2.) The rise of tape trading as a bartering activity. Fans who already knew each other through these social networks provided weekly wrestling shows for their national and international contacts.
3.) The business plan of the Wrestling Observer Newsletter, where one wrestling fan and professional journalist took advantage of the social network to create a central source for pro wrestling events across the country.
4.) The tensions between fan traders and increasing professional traders who would provide content to those still building collections and sell compilations to those who had nothing new to offer.
5.) The ways in which the WWE has monitored the interests of tape traders and bought up the archives of now-defunct wrestling promoters, selling them via DVD and video-on-demand, starting with its purchase of rival Turner organization World Championship Wrestling in 2001.
6.) The continued existence of wrestling tape traders and how the behaviors have changed now the WWE offers official content from the archives on a more regular basis.

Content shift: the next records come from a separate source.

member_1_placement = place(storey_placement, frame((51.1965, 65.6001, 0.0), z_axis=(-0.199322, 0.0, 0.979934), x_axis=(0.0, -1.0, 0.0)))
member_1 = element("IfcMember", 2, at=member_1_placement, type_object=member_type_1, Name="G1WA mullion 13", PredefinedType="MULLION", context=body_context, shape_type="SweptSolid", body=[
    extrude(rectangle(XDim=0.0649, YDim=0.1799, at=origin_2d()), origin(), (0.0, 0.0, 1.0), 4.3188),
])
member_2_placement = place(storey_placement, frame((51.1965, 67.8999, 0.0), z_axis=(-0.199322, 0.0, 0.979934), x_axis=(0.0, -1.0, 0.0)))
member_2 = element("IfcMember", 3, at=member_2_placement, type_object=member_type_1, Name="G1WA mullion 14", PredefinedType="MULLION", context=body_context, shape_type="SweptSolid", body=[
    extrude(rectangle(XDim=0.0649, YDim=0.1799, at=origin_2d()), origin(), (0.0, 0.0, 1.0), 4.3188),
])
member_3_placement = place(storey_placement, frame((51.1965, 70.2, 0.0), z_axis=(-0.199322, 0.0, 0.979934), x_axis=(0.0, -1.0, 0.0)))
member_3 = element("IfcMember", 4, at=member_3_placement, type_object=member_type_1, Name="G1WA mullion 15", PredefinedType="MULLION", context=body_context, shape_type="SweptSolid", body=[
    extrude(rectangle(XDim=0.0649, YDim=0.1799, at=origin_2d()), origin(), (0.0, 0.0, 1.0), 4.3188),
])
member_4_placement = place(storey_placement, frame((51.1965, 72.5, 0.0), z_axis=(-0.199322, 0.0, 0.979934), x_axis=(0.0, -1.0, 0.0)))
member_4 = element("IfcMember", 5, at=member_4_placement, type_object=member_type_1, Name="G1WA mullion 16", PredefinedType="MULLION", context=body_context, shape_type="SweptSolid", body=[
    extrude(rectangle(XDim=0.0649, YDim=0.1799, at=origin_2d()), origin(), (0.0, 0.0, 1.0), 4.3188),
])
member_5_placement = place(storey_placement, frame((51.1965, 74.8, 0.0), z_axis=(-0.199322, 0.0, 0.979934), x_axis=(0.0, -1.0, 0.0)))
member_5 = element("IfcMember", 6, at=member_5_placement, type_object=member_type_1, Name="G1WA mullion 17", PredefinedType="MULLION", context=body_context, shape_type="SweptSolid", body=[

Sam Ford is a a graduating Master's student in the Program in Comparative Media Studies at the Massachusetts Institute of Technology and a media analyst for the Convergence Culture Consortium and has headed up the C3 Weekly Update and the C3 blog for the past year. Previous white papers for the consortium have included Fanning the Audience's Flames, which he co-authored with Dr. Henry Jenkins, and No Room for Pack Rats, a study of media consumption behaviors in a dormitory setting.